Sobeys' McEwan discusses FreshCo and "disinflation"

2/23/2011

Canada’s supermarkets are getting squeezed by rising costs on the back end, while competitors new and old are hammering away at prices on the front end.

That’s how Sobeys president Bill McEwan described the grocery environment in Canada over the last year during a speech to analysts at the CIBC Retail and Consumer Conference Wednesday in Toronto.

In the last year deflation has been “unprecedented” he said, caused by promotional discounting at the store level. “It’s what we call inside of our business 'disinflation.' ”

Still, there are early signs of balanced inflation starting, which he described as a situation in which retail prices rise in step with manufacturer prices and the general cost of doing business.

“There appears to be an appetite for that to happen but we shall see,” he told the conference. “If we behave like a mature industry, it will happen. If we continue to pursue business that is not there, we will see continued deflation.”

One pressure he doesn’t see lessening is the amount of square footage being added to the grocery industry. Although the country’s large chains have been focusing on old-store renovations rather than building new ones, McEwan rightly pointed out there is square footage being added anyway as more retailers like Walmart (and soon Target), drug stores and dollar stores sell food. The pace of new square footage is outpacing industry growth and even population growth, he said.
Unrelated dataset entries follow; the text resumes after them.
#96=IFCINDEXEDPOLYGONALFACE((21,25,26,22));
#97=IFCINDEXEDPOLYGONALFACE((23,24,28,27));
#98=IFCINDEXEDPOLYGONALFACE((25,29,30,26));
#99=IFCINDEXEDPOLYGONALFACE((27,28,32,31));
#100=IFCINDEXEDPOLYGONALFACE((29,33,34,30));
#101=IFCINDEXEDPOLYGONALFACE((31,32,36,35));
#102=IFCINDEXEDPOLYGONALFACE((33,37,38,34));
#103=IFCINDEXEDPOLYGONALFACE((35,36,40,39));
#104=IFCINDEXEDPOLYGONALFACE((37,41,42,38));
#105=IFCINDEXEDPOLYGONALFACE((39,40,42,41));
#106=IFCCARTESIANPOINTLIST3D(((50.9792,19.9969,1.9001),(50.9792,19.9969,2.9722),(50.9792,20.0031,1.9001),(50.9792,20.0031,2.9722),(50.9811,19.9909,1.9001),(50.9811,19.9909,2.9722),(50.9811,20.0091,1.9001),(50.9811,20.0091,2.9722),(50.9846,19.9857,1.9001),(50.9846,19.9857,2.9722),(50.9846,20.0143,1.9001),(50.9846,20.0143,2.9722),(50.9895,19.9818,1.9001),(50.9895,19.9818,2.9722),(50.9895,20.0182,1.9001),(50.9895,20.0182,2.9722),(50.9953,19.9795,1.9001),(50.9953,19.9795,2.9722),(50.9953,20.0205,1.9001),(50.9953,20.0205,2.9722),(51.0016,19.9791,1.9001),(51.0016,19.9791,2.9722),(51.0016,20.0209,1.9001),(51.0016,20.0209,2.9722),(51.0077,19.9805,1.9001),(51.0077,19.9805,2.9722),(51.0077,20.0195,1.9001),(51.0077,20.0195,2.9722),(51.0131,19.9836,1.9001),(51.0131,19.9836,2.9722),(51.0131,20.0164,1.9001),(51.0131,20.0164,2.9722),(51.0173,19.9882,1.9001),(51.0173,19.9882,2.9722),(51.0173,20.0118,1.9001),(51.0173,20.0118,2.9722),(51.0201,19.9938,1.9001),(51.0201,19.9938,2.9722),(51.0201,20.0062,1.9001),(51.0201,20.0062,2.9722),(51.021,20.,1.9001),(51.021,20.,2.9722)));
As a backdrop to all this, McEwan said retailers are facing huge cost increases. Minimum wage hikes alone in various provinces are going to cost tens of millions of dollars while utility prices were up 18% in Ontario last year, 11% in Nova Scotia and 9% in Quebec. “Operating costs are rising at extraordinary rates.”
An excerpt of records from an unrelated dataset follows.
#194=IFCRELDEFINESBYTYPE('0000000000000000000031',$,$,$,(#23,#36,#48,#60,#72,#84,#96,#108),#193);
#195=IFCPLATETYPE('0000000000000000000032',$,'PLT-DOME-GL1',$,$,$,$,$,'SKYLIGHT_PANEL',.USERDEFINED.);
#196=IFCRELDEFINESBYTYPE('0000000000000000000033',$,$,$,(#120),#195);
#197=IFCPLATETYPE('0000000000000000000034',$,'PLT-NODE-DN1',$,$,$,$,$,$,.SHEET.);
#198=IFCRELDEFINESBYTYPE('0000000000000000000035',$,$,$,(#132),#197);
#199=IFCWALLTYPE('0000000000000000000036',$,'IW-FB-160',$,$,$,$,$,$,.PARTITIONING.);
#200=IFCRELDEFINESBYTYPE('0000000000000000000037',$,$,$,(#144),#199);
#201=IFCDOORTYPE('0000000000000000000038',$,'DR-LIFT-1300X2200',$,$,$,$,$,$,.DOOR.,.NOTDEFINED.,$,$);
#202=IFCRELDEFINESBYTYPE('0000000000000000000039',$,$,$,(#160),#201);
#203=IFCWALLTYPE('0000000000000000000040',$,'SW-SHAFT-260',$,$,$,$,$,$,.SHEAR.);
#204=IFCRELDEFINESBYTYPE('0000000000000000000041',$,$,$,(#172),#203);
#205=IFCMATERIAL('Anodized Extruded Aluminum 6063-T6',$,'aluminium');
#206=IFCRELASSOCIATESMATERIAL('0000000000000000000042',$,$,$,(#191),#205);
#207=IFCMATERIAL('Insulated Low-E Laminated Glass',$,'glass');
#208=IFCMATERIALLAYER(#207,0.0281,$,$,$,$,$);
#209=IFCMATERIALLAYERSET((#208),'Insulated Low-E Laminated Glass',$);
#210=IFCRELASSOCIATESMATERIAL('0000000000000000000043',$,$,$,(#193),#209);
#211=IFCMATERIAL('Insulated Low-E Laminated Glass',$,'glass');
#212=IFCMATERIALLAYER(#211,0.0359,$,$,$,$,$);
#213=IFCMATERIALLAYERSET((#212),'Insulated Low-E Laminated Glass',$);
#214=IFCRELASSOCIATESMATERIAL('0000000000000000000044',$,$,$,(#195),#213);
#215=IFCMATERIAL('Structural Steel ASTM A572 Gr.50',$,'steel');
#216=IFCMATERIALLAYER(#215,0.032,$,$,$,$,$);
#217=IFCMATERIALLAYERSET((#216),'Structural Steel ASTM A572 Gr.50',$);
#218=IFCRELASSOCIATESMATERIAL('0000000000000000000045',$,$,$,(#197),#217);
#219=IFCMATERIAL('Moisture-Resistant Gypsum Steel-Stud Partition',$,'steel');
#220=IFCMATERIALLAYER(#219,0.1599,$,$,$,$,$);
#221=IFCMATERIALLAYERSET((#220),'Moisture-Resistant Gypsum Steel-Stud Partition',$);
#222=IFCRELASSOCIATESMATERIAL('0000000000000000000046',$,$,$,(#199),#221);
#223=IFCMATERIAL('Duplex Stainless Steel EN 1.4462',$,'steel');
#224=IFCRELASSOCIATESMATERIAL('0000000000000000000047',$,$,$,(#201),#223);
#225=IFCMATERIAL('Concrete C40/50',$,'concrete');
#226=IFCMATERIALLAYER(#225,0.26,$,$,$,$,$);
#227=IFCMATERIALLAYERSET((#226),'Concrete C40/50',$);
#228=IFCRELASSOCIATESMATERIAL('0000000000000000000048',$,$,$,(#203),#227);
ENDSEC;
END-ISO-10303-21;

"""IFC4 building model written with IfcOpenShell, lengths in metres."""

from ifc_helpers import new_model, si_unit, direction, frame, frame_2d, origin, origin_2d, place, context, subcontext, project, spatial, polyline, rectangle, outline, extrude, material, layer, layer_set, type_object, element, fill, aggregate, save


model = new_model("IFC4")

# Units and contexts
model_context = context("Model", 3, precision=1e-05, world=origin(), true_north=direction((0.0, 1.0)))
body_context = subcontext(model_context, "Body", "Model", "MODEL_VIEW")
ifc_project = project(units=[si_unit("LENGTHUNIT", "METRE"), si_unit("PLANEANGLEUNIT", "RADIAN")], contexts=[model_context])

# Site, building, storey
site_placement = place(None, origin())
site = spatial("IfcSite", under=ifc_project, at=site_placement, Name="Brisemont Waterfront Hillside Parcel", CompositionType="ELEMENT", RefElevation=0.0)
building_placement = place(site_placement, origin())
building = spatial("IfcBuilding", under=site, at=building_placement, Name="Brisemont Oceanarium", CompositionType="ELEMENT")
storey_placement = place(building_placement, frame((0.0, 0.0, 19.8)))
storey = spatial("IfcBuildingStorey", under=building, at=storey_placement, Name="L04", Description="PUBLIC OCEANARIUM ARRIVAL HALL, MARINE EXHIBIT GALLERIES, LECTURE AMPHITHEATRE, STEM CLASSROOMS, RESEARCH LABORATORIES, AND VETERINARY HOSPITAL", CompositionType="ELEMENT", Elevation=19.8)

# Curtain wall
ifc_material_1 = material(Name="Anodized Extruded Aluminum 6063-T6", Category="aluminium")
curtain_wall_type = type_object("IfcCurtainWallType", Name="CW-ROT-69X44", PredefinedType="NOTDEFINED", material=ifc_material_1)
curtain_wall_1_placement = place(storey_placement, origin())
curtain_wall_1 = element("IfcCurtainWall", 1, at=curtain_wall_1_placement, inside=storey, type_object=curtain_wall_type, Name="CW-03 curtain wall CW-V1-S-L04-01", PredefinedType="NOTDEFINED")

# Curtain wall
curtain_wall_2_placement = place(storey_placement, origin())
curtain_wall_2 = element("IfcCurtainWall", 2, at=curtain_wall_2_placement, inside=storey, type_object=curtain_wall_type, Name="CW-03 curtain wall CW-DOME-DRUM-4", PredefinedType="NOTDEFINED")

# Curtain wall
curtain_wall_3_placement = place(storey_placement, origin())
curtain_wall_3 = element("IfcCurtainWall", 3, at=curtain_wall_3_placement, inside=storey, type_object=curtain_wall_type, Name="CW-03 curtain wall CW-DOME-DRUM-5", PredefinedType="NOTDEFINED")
Discussing Sobeys business, McEwan said the company is opening its next-generation of full-service stores under the IGA Extra banner in Quebec, Sobeys in Ontario, Atlantic Canada and the West, and Thrifty Foods in B.C. As an example of such a store he cited the new IGA Extra in ValleyField, Que., the Thrifty in Abbotsford, B.C., and the Ira Needles store in Kitchener, Ont. These stores are positioned as the “very best food retailers in the country,” he said.

He also discussed the FreshCo discount chain, launched last spring in Ontario to replace Price Chopper, which was a distant third in the province’s discount market behind Loblaw’s No Frills and Metro’s Food Basics.
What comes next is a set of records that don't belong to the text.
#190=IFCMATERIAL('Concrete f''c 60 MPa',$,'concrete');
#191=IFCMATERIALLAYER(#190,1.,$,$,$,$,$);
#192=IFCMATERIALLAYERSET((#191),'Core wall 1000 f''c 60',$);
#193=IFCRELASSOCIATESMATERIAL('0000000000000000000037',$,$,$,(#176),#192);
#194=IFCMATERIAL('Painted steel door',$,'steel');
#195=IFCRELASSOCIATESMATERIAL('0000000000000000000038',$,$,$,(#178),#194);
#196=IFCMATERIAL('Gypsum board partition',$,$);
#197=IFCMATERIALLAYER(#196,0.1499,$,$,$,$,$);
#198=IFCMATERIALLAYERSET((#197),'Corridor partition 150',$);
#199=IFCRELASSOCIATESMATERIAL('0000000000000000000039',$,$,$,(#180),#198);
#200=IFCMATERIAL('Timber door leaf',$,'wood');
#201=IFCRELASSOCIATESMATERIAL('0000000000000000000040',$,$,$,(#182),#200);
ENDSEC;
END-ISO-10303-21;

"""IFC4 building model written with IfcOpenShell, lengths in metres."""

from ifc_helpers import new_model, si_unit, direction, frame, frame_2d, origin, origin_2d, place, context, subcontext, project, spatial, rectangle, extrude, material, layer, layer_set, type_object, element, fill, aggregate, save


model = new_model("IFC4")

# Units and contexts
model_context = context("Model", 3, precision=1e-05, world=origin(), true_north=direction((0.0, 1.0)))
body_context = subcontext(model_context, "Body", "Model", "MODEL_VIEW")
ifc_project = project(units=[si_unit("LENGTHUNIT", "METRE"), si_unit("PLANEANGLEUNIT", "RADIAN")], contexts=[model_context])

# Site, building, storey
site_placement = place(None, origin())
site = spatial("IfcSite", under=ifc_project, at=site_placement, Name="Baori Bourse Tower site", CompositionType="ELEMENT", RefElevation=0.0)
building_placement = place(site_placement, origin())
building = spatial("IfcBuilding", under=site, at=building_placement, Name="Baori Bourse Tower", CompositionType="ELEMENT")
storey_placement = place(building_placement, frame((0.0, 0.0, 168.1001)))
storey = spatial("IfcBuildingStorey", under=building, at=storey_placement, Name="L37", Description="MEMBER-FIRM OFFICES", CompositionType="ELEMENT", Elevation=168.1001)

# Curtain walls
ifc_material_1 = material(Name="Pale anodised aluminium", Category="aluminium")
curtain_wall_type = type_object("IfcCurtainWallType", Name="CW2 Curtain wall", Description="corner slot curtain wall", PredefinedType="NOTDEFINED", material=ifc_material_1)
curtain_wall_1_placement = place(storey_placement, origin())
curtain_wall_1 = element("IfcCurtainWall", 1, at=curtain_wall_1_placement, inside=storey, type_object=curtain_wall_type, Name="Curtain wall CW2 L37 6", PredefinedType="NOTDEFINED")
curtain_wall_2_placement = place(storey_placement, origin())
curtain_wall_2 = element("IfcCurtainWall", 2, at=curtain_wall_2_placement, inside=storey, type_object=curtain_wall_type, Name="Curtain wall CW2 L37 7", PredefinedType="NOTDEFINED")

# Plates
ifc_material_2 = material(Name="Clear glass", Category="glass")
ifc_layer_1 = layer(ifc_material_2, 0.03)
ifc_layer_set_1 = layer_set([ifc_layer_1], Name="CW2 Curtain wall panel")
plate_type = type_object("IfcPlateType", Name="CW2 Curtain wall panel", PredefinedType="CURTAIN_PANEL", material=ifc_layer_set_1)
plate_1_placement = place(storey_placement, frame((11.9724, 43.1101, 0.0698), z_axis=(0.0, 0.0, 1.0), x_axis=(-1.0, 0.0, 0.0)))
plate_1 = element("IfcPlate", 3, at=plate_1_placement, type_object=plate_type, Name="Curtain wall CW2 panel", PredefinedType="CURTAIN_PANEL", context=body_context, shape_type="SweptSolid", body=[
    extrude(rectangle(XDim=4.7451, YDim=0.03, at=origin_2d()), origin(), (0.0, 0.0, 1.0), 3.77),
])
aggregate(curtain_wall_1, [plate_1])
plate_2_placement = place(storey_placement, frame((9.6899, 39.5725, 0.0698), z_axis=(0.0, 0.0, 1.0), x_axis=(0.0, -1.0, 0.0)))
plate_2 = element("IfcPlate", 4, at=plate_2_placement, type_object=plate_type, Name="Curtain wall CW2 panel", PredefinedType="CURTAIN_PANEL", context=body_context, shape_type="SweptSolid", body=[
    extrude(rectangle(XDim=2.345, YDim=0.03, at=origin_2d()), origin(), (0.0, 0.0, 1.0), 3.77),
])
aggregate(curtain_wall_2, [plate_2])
FreshCo–the format is hard discount with a focus on fresh and ethnic–has performed well, though some tweaks have been made since the launch. Some produce items at the front of the store were moved back because customers always stopped to pick through them, causing bottlenecks. And the flow of the stores, which forced shoppers down certain aisles at first, is being changed slightly to give customers more freedom to choose the direction they want to go in.

McEwan noted that the launch of FreshCo–eight stores usually open at a time, every six weeks–has caused an aggressive response by competitors. But FreshCo stores won’t have higher prices than competitors, he said.

As for results, “we’re very pleased with the top-line," McEwan said. "The margins are not what they will be when the market settles out. The bottom line associated with those stores are not what we had anticipated but they are what we were prepared for.”

Regionally, McEwan pointed to the company’s conversion of IGA stores to the Foodland banner in Ontario as a success. And the company is also continuing to spread the Thrifty banner–which he said has 30% market share on its home turf of Vancouver Island and 50% in Victoria–onto the Lower Mainland of B.C.

On the distribution side the company is continuing to invest in capabilities. It recently announced the construction of a second automated warehouse in Quebec. The first is situated near Toronto. And Sobeys is speeding up the use of customer insights to drive sales. “The battleground of tomorrow will be targeted marketing of customer insights,” he said.

Yet, McEwan said the biggest advantage any grocery retailer has in the country isn’t technology, it is the experience and expertise of the store manager. “That’s not something often described as a differentiating factor, but it is.”